At high school level many times we find math problems are solved following a long series of steps. This is what we call * conventional approach to solving problems*.

This approach not only involves **a large number of steps**, in most cases, the steps themselves introduce a higher level of **complexity**, and **increases chances of error.*** More importantly, the conventional inefficient problem solving approach curbs the out-of-the-box thinking skills of the students.*

While dealing with complex Trigonometry problems similar to school level in competitive exam scneario, the student is now forced to solve such a problem in a minute, and not in many minutes. The pressure to find the solution along the shortest path gains immense importance for successful performance in such tests as **SSC CGL.**

Though at school level, all steps to the solution are to be written down, that does not take up most of the time, **the bulk of the time is actually consumed in inefficient problem solving, finding the path and steps to the solution**.

We will take up a few apparently difficult Trigonometry problems from * SSC CGL test level* that actually belong to school level, and appear in MCQ form in the competitive test scenario.

The * thinking process that we will highlight *here through solution of the problems

*as well as*

**will help SSC CGL aspirants***high school students*to solve problems efficiently in a few steps like a problem solver, using deductive reasoning, powerful strategies, techniques and basic subject concepts, rather than being constrained by the long and costly routine approach.

### Problem example 1

If $\sec\theta = x + \displaystyle\frac{1}{4x}$, where $(0^0 \lt \theta \lt 90^0)$, then $\sec\theta + \tan\theta$ is,

- $\displaystyle\frac{x}{2}$
- $\displaystyle\frac{1}{2x}$
- $x$
- $2x$

**First try to solve this problem yourself and then only go ahead.
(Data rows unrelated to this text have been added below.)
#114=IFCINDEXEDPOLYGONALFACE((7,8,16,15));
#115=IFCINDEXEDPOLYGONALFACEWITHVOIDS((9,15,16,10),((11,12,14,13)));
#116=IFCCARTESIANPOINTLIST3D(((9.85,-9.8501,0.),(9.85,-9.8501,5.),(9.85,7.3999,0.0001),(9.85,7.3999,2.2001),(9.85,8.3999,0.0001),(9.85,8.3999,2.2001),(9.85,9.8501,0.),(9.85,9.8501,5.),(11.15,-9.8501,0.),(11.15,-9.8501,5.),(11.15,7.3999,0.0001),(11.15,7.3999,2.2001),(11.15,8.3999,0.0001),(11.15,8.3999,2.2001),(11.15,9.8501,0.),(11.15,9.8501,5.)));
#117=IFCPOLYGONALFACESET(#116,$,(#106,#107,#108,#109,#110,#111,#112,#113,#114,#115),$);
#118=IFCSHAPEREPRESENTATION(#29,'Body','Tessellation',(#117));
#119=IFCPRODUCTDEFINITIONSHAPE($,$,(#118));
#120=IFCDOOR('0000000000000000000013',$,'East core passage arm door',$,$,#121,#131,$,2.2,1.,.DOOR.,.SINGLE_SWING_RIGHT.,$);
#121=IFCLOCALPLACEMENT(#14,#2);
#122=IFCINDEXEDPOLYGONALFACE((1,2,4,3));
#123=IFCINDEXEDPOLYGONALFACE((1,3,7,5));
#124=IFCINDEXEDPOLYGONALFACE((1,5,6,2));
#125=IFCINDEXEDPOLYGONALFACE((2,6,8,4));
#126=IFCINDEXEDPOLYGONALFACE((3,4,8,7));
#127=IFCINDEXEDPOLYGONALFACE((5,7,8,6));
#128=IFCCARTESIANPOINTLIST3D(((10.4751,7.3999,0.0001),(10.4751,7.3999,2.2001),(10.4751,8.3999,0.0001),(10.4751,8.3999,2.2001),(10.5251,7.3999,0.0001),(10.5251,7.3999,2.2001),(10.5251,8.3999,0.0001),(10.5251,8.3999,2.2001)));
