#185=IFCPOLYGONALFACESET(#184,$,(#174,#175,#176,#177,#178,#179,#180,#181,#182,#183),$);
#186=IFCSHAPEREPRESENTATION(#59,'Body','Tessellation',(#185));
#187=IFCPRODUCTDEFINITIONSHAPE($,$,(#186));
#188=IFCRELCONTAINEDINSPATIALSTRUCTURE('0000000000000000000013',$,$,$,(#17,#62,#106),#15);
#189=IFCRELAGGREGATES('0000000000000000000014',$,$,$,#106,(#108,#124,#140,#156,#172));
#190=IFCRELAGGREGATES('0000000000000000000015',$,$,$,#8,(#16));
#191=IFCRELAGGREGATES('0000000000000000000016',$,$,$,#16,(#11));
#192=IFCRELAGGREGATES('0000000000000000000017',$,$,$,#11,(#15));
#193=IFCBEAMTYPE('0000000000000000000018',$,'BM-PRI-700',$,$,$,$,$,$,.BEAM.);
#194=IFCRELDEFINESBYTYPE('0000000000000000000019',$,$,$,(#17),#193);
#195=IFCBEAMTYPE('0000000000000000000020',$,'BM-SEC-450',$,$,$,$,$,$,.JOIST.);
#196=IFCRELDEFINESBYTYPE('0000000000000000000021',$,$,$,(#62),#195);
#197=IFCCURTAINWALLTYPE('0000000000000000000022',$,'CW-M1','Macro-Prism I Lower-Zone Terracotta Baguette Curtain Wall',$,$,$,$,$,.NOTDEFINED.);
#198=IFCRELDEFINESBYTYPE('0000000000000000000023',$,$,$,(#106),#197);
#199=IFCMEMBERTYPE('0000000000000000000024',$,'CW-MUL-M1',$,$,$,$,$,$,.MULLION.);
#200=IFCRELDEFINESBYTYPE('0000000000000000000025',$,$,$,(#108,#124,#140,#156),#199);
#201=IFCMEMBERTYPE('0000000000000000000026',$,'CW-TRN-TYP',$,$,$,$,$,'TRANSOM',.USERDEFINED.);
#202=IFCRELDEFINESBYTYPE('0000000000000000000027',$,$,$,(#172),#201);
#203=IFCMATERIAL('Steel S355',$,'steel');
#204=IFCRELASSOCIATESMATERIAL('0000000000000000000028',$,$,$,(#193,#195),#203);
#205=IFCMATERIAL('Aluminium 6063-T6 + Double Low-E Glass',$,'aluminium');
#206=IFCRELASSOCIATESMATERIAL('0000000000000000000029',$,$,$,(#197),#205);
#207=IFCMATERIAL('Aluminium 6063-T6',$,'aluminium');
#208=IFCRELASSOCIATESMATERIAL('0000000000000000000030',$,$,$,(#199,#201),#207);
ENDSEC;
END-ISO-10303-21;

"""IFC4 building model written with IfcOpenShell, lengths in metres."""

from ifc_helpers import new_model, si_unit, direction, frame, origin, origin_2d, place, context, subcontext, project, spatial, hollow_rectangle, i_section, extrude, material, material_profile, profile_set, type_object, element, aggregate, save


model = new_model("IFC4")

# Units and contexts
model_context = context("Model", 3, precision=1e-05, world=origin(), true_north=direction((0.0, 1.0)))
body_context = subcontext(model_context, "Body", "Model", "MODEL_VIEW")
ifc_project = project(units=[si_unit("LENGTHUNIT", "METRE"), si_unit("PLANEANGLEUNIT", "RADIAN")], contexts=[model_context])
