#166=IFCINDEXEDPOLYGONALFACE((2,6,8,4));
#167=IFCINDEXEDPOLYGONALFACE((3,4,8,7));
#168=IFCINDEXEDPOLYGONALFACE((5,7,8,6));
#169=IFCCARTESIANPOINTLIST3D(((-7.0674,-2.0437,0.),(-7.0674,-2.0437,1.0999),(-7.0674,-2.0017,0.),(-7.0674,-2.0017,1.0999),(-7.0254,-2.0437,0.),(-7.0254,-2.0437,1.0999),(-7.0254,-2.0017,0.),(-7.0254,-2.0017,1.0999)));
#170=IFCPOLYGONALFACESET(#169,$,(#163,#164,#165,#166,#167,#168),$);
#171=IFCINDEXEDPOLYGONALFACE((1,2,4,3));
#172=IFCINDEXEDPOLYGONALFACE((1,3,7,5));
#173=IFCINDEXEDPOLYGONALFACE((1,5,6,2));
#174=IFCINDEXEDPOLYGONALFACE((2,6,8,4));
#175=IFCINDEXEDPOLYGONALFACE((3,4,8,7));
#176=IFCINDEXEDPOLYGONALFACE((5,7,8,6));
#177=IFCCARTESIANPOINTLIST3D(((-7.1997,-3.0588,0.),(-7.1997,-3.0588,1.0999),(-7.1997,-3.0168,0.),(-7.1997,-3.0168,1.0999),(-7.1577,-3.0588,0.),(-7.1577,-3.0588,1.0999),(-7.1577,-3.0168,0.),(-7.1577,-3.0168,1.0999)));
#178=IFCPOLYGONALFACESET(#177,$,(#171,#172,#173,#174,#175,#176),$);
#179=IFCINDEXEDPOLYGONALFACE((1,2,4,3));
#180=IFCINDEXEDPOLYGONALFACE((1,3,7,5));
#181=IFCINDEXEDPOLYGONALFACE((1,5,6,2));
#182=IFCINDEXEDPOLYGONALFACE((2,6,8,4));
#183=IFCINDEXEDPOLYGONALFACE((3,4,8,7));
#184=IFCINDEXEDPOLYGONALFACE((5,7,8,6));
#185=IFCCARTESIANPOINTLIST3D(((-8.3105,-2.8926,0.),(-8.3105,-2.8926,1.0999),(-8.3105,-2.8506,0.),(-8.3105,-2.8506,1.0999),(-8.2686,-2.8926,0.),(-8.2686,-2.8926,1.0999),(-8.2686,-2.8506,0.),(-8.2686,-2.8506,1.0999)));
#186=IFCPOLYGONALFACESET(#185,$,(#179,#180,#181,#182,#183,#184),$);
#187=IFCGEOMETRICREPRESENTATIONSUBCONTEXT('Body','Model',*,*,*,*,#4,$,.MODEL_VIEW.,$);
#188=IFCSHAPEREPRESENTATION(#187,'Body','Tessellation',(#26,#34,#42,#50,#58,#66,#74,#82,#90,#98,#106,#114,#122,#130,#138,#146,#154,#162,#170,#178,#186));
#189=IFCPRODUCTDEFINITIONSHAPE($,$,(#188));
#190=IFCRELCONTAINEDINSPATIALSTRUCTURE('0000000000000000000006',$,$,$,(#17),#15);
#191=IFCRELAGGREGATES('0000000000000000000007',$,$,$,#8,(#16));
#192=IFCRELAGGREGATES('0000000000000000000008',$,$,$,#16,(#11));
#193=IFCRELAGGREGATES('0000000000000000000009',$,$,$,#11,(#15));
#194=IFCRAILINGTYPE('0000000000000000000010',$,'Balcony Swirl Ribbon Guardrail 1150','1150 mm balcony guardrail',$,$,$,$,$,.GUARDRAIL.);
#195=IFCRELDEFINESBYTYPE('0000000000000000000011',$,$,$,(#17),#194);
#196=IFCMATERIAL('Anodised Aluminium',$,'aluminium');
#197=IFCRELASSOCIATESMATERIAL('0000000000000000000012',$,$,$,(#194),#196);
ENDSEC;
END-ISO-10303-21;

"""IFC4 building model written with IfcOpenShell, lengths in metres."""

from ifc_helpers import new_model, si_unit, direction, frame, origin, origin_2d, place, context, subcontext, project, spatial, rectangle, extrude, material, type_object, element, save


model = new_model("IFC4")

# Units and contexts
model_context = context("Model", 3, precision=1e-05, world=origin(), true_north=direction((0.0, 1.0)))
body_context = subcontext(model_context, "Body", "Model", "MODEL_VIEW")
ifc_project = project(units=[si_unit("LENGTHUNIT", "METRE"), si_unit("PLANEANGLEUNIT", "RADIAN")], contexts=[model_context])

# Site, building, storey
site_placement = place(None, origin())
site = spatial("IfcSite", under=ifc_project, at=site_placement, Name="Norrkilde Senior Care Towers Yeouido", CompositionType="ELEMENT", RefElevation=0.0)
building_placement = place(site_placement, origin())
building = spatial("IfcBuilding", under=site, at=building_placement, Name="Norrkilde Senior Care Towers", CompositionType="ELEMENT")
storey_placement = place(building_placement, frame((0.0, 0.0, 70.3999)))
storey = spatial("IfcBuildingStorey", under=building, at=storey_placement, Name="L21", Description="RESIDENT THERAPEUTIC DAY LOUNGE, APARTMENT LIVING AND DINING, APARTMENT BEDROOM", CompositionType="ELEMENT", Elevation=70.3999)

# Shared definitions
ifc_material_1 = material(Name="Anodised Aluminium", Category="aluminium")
You might be able to reach the elegant solution to this problem yourself.**

### Efficient solution in a few steps

#### Deductive reasoning:

**First stage analysis:** one must analyze the problem first.

We know that the basic relation between $\sec\theta$ and $\tan\theta$

$\sec^2\theta = \tan^2\theta$ + 1

will lead us towards the solution whenever in a problem $\sec\theta$ and $\tan\theta$ appear together.
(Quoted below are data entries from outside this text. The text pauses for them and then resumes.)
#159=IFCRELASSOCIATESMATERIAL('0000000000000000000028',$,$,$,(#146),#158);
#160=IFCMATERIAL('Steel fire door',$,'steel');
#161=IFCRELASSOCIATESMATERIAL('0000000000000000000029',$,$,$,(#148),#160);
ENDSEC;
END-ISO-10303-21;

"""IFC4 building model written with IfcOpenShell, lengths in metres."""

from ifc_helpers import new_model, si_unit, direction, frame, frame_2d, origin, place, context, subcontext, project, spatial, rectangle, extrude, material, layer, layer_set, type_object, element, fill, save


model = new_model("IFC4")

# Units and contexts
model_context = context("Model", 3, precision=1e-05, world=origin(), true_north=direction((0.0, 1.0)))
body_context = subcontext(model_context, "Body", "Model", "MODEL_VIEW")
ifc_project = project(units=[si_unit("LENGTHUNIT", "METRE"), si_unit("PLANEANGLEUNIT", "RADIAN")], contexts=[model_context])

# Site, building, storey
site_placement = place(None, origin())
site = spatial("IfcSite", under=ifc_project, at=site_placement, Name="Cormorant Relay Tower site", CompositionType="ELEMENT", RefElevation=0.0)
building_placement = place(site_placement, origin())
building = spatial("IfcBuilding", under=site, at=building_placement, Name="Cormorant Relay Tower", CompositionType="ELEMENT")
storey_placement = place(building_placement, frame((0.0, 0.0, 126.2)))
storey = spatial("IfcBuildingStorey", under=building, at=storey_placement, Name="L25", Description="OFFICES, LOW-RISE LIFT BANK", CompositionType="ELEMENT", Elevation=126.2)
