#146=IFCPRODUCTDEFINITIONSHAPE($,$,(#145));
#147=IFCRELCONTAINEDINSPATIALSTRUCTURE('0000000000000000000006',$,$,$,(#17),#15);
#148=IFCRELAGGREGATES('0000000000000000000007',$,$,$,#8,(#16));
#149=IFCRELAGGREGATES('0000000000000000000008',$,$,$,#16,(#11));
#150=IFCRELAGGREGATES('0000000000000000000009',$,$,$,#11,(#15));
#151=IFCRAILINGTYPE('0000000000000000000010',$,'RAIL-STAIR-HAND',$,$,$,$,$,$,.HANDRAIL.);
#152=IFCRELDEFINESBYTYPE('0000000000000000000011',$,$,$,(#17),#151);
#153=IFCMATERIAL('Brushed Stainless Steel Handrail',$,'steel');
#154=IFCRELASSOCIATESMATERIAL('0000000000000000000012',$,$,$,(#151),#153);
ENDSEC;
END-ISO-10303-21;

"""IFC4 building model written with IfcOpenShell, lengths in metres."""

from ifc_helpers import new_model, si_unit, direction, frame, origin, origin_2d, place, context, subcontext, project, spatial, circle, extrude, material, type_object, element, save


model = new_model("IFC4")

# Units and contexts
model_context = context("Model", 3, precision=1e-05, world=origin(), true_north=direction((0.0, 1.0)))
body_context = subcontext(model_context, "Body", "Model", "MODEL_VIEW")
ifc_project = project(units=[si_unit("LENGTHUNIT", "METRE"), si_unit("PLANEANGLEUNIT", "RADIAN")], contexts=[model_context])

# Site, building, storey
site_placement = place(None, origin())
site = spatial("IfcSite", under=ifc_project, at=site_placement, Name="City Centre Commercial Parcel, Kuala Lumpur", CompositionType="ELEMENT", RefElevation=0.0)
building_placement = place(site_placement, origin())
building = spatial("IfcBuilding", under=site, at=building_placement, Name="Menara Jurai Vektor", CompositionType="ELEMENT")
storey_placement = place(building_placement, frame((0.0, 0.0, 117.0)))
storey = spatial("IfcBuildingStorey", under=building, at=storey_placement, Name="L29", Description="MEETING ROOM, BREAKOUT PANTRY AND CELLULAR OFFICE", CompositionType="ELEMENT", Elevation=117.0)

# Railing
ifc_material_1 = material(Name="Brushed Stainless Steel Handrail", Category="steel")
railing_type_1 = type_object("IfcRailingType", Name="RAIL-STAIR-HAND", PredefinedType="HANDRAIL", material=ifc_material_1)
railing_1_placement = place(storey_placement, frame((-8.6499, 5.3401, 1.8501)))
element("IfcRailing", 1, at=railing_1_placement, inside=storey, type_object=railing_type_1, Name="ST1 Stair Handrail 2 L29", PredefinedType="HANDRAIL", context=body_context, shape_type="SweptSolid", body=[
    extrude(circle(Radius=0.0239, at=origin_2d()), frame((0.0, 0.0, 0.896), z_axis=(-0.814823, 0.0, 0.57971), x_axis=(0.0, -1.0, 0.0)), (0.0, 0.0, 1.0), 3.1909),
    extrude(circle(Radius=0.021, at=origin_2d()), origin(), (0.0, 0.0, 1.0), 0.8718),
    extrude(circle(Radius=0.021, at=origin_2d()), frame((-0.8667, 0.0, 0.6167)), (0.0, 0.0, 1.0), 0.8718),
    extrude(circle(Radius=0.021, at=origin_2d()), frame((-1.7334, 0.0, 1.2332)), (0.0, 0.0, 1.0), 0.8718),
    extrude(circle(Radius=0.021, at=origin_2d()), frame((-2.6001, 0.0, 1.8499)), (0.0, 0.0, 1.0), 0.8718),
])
In our problem, though the two terms appear together, these are in unit power form, and so the given expression must be squared, resulting expression simplified using the basic relationship as mentioned above, and then finally a square root is to be taken to arrive at the desired result.
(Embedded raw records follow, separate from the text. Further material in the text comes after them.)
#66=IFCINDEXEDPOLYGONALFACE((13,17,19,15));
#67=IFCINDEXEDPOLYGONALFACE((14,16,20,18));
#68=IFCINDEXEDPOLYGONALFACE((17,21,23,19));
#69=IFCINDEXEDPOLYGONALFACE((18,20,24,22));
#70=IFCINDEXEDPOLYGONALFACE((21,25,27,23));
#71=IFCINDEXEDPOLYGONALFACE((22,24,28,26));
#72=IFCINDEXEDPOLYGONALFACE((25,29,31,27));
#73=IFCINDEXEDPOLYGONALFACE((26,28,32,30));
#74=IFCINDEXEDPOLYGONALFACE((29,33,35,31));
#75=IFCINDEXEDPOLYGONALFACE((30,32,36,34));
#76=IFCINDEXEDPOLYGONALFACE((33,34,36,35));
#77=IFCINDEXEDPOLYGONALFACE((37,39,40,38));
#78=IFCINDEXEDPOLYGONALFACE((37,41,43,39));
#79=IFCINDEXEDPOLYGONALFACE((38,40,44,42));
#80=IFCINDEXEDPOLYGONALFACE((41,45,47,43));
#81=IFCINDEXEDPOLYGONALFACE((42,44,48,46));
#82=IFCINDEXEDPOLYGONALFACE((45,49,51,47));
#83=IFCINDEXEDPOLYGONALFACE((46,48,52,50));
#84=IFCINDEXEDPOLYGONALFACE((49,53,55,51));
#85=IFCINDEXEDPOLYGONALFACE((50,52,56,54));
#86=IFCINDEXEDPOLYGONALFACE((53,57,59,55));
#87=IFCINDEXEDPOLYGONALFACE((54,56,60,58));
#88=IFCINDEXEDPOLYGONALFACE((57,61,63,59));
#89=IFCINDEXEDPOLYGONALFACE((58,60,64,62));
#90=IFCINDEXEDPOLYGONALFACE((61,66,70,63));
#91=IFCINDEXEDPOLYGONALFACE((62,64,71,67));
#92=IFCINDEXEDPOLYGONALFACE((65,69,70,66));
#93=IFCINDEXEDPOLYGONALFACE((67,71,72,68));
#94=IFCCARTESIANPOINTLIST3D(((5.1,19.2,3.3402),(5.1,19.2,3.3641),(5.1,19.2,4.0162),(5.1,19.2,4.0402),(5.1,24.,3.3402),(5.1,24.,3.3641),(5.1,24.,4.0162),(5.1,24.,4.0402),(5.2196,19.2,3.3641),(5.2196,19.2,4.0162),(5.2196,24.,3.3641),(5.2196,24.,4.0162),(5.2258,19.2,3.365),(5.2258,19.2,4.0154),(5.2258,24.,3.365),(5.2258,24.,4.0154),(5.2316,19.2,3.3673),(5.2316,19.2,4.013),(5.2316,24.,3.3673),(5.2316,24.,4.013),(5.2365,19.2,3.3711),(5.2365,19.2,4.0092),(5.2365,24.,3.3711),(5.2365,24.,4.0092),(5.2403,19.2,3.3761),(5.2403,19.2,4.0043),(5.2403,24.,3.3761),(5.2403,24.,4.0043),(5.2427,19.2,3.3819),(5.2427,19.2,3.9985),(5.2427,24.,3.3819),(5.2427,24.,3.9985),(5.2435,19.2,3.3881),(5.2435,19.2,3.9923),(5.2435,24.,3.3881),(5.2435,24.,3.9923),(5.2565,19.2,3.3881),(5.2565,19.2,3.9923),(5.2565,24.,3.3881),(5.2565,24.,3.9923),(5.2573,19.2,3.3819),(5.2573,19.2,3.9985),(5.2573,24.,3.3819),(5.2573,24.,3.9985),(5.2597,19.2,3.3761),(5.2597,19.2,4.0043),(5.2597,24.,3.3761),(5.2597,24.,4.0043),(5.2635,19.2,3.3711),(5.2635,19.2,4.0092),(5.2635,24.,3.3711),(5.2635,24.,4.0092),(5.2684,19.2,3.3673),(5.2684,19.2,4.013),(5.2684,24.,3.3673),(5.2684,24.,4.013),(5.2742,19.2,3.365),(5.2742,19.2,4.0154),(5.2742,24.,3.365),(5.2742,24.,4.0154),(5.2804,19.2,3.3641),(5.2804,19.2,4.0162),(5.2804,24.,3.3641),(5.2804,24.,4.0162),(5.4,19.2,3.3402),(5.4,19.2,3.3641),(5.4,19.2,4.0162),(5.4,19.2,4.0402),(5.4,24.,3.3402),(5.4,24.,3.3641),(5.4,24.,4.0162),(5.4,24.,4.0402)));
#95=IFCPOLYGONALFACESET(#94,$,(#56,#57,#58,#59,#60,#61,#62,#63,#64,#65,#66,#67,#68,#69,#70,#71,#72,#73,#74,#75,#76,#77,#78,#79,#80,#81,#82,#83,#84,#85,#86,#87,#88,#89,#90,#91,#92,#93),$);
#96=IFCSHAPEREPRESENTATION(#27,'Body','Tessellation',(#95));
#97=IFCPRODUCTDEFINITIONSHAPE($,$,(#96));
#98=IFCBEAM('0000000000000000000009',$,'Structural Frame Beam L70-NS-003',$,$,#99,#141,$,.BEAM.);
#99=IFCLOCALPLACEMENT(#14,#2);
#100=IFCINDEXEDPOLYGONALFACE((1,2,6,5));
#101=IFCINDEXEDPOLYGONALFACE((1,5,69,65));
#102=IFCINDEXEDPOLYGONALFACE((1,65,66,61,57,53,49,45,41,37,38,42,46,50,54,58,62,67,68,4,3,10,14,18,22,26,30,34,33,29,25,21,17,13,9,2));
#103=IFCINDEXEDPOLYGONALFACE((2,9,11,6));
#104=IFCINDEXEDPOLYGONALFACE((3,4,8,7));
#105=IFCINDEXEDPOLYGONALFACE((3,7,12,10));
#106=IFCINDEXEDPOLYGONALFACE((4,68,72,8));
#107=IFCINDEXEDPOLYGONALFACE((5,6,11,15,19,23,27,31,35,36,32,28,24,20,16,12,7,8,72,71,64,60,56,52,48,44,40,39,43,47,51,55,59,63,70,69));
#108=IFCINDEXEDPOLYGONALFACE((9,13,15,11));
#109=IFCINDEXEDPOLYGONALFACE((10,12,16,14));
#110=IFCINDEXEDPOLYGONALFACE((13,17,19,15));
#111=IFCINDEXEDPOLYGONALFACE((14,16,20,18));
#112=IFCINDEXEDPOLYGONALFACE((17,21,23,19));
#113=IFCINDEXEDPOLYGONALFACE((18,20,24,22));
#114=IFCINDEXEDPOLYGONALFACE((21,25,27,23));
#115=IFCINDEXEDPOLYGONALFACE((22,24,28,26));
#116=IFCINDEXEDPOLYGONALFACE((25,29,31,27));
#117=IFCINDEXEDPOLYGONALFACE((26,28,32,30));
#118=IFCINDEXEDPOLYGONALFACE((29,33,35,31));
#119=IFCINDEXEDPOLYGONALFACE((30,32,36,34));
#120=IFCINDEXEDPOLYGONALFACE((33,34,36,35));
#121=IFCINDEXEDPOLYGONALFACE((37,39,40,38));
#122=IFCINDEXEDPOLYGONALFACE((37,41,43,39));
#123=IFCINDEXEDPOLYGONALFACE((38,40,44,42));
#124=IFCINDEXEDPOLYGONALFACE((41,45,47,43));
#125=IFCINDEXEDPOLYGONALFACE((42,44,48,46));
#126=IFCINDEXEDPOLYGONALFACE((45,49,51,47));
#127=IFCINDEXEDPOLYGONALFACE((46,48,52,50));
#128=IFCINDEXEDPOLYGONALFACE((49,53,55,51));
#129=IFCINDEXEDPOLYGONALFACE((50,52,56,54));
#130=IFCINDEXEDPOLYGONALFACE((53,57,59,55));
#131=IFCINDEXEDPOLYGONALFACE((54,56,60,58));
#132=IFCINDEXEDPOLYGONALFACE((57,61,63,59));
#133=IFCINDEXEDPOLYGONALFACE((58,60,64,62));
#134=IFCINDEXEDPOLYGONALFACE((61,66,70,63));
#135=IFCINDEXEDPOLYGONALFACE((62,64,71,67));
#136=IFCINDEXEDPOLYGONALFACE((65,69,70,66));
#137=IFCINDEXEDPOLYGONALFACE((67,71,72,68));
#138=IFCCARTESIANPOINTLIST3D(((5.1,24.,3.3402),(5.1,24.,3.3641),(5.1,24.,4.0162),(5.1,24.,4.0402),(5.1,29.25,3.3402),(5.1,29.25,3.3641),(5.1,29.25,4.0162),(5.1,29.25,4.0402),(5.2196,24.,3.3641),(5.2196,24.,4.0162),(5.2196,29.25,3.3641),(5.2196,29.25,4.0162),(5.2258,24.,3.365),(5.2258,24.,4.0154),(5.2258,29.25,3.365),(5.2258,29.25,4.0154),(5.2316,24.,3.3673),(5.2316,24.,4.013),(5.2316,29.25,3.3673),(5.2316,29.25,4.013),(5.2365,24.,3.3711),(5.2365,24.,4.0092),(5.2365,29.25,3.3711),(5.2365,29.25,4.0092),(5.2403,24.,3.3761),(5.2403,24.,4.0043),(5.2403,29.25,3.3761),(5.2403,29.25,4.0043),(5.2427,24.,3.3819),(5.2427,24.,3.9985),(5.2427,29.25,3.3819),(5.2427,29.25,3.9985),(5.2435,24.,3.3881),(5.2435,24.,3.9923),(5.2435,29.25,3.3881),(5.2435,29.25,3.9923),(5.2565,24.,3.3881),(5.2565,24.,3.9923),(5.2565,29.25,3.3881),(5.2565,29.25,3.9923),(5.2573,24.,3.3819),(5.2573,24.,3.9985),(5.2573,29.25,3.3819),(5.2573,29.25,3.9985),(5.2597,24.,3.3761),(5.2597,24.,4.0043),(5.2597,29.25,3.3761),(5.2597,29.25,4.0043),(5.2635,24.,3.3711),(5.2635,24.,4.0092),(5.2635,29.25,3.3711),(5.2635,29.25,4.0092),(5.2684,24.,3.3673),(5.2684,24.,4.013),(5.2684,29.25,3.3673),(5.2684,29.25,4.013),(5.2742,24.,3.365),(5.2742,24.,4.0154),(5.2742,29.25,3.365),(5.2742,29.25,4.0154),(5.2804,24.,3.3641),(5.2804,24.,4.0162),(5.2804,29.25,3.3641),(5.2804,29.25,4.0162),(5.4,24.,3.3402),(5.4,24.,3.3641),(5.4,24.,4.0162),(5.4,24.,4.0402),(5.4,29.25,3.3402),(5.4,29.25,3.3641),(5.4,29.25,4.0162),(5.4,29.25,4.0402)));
This is what we call deductive reasoning based on problem analysis and using the subject concept and form of the problem.

**Outcome of this analysis is finding a clear pathway to the solution.**

Think over. Do you find this thread of reasoning sensible? Can you find any flaw in it?

So, we decide that **we should square up the given equation first.**

**Second clue - use of principle of inverses**

We find **a special property in the given expression** - it has an $x$ and also an inverse of $x$. If we square up this expression the middle term won't have any $x$ in it. This property in general helps to reach the solution quickly in so many problems that we have named it as the **powerful problem solving principle of inverses and repeatedly used it with great benefits. **

You may refer to a detailed treatment of its use **here.**

So in the first stage action, we will **first square up the given equation** and **use the principle of inverses** to simplify further.

Let's see how.

**First stage action:**

We have the given expression,

$\sec\theta = x + \displaystyle\frac{1}{4x}$.

Squaring both sides,

$\sec^2\theta = x^2 + \displaystyle\frac{1}{16x^2} + \frac{1}{2}$.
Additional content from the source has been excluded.